Ferret v0.14.0

Happy new year!

March 6, 2021 by Tim Voronov


Hello friends,

Belated happy new 2021 year! Hope things will be better and we can finally get back to normal life.

Meanwhile, in between of work, personal lives and anxiety, we’ve managed to bring you some great features with a new release of Ferret - Ferret v0.14.0.

This release contains some syntax updates, DOM API fixes and extra flexibility. Let’s dive in!

What’s added

Support of History API

Before v0.14.0, Page object from the CDP driver, would only return the url that was set during full page load or redirect but ignored all in page navigation using History API (e.g. using react-router).

Starting this relase, the behavior has changed. Now the Page object always returns the url which is in the url-bar of your browser. If you need previous behavior, access url property of the root document.

By other words, page.url and document.url may point to different locations if History API is used on your page.

LET page = DOCUMENT("https://soundcloud.com", { driver: "cdp"}) LET doc = page.mainFrame WAIT_ELEMENT(doc, ".trendingTracks") SCROLL_ELEMENT(doc, ".trendingTracks") WAIT_ELEMENT(doc, ".trendingTracks .badgeList__item") LET song = ELEMENT(doc, ".trendingTracks .badgeList__item") CLICK(song) WAIT_ELEMENT(doc, ".l-listen-hero") RETURN { page: page.url, doc: doc.url }

Support of custom HTTP transport in the HTTP driver

Now it’s possible to provide your custom HTTP transport to the underlying HTTP client (pester) in HTTP driver:

import ( h "net/http" "github.com/MontFerret/ferret/pkg/drivers/http" ) func main() { httpDriver := http.NewDriver( http.WithCustomTransport(&h.Transport{}), ) }

Added LIKE operator

It’s been a part of ArrangoDB Query Language since the beginning, but was not ported to FQL in its early times. And now, LIKE operator has finally landed!

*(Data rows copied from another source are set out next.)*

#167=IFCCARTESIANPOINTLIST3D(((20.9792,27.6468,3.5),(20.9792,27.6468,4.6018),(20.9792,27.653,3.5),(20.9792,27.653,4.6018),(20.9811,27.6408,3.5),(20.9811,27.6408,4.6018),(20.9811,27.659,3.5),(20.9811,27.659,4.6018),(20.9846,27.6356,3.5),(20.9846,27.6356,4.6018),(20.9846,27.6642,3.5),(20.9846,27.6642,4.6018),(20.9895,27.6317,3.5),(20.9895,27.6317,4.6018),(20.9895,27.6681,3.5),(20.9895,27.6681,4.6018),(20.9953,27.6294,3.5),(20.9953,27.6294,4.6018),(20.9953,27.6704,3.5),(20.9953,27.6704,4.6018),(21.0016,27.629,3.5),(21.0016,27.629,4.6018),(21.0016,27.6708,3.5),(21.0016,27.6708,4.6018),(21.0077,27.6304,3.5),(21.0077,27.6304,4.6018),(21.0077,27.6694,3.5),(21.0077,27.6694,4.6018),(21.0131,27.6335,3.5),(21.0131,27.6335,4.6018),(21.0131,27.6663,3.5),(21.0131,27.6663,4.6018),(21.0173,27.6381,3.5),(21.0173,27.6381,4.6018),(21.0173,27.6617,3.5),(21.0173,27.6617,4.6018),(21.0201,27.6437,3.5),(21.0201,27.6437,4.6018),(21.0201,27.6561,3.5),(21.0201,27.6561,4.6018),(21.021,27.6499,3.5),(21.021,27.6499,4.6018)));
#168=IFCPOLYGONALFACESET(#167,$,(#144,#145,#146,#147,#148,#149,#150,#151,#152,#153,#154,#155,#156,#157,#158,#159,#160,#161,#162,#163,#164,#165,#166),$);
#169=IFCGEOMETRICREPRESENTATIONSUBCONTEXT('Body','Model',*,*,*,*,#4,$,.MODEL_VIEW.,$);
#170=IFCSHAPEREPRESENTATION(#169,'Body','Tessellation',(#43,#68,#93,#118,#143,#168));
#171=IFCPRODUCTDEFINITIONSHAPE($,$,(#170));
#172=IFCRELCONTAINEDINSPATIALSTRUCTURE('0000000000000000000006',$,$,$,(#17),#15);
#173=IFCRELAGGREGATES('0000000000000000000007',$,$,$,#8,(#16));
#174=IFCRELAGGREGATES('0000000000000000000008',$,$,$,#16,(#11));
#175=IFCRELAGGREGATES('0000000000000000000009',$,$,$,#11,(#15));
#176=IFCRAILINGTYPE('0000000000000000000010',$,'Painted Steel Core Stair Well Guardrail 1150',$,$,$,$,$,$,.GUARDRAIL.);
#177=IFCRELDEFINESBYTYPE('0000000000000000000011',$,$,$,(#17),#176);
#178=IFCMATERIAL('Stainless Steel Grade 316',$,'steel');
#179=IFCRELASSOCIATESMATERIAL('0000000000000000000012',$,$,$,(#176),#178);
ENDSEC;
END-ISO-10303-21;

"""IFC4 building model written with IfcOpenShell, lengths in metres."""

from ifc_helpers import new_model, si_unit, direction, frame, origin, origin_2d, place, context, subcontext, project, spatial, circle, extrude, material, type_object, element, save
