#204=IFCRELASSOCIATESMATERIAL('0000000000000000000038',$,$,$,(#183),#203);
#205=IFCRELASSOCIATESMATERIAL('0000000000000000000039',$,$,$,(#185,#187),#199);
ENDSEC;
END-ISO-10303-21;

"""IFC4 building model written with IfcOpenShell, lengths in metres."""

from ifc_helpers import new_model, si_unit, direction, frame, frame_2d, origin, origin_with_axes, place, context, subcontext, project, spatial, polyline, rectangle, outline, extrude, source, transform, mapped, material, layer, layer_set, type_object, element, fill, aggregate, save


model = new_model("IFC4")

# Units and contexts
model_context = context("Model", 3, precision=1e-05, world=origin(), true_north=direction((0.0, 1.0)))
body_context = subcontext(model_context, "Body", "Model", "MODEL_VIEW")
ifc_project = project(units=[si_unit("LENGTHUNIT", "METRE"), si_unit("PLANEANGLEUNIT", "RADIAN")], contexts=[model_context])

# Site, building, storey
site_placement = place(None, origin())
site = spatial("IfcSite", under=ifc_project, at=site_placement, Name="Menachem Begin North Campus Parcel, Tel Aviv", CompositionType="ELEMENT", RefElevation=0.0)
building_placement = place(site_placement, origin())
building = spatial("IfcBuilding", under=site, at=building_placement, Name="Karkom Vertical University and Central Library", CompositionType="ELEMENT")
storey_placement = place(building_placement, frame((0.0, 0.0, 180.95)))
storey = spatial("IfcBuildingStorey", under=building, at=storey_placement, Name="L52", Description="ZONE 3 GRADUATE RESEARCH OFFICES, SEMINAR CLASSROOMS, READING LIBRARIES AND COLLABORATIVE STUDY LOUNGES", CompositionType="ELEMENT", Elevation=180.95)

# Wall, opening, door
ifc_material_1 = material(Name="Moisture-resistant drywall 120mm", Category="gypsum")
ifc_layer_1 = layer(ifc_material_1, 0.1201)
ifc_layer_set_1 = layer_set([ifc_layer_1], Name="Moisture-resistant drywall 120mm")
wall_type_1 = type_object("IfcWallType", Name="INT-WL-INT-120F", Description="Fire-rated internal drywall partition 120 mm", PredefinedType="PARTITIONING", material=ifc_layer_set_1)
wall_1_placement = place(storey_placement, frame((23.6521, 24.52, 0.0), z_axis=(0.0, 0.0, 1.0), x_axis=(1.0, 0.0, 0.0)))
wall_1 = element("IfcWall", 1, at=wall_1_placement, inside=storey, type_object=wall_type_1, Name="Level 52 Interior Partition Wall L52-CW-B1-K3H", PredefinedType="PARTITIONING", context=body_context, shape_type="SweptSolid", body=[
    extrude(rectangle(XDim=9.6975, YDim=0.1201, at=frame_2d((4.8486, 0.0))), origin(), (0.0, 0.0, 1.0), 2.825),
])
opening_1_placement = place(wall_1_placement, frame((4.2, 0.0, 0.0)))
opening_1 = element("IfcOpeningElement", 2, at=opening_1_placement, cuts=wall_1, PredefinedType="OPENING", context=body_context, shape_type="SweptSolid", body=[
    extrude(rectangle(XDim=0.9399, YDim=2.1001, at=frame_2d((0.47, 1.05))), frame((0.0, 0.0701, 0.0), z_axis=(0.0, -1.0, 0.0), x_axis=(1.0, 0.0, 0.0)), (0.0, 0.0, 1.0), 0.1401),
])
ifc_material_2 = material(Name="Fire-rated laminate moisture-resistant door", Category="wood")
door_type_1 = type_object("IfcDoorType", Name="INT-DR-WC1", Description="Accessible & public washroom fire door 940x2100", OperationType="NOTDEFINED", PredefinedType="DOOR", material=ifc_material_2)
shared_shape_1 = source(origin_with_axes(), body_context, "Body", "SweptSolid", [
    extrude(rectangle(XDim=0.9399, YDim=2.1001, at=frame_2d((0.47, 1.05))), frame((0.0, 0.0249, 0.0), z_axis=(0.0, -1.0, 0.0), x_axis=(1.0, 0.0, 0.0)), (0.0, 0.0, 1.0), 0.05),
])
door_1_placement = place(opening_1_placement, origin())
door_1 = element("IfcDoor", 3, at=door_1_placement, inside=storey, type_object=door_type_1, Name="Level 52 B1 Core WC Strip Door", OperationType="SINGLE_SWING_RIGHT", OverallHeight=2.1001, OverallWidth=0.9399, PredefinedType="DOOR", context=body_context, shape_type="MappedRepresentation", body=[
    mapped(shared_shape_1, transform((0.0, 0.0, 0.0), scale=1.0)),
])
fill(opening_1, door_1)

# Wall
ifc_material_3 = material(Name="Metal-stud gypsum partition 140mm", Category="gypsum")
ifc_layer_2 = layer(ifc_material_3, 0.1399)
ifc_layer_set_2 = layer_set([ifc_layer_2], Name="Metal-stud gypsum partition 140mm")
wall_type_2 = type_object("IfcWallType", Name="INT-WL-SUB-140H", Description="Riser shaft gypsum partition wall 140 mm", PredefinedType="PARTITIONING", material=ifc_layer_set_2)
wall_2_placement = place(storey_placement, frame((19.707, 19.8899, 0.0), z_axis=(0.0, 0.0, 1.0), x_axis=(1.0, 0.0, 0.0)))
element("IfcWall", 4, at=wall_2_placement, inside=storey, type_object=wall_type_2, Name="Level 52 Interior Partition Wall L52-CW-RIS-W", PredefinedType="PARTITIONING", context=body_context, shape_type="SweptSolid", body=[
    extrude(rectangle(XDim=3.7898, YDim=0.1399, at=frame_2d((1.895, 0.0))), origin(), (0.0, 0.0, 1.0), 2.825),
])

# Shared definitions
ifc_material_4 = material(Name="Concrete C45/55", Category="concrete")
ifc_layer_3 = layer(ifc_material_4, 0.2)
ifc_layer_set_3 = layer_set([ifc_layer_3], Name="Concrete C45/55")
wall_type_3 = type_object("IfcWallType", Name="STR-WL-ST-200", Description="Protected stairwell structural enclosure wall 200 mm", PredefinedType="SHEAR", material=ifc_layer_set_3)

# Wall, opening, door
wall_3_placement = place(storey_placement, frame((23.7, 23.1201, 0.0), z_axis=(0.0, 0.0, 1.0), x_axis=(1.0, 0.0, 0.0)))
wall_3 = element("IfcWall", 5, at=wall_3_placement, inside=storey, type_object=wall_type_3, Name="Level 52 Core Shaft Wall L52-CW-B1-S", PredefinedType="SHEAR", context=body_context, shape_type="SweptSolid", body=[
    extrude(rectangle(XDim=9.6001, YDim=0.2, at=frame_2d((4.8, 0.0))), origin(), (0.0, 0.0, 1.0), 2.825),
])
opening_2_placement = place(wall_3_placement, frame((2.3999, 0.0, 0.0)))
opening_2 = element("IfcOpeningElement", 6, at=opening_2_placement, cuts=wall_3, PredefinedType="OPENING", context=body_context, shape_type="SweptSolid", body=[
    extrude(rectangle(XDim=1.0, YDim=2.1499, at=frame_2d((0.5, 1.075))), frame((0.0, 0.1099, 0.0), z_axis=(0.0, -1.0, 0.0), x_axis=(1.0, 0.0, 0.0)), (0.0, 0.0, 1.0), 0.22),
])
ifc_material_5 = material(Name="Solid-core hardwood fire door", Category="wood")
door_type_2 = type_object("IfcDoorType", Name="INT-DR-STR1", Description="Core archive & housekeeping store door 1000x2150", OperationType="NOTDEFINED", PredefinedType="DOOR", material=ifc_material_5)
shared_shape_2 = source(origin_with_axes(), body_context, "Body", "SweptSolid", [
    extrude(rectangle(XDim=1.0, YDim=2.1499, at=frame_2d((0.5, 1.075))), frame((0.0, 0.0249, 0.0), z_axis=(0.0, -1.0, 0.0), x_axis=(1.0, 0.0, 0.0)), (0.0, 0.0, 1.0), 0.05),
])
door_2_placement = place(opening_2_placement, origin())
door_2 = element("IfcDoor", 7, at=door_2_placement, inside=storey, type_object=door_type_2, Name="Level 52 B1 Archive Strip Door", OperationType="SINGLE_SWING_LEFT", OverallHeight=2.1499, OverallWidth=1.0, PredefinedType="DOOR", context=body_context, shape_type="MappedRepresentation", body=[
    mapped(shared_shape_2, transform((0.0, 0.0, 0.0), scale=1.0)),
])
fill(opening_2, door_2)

LET values = ( FOR str IN ["foo", "bar", "qaz"] FILTER str LIKE "*a*" RETURN str ) RETURN FIRST(values) NOT LIKE "b**" ? 'failure' : 'success'

As you might noticed, FQL’s implementation has some deviations from its ArrangoDB counterpart: syntax of pattern matching. Ferret is using stadard Unix wildcards.

Support of ignoring page resources

Now you can ignore all the “noise” loaded with your web pages and speed up your scraping by disabling particular files from loading:

LET p = DOCUMENT("https://www.gettyimages.com/", { driver: "cdp", ignore: { resources: [ { url: "*", type: "image" } ] } }) RETURN NONE

You can either use just a type of the resource (stylesheet, script, image, font and etc) or add an url pattern to do it more selectevley.

Support of handling non-200 HTTP status codes in the HTTP driver

This possibility added to the HTTP driver that allows you to handle situation when a target website responds with HTTP code other than 200 but still has content.

LET p = DOCUMENT("https://www.gettyimages.com/", { ignore: { statusCodes: [ { url: "*", code: 418 } ] } }) RETURN NONE

As with ignoring resources, you can either use just a code or add an url pattern to do it more selectevley.

DOCUMENT_EXISTS function

Now you can check if a webpage exists before navigating to it.

RETURN DOCUMENT_EXISTS("www.asdadasda.sds")

What’s fixed

Ok, now, let’s take a look what bugs have been fixed!

  • RAND(0,100) always same result
  • Element.children always returns empty array
  • Passing parameters with a nested nil structure leads to panic

Summary

Thanks everyone who contributed to the project by either providing new feature or fixing bugs or just asking questions!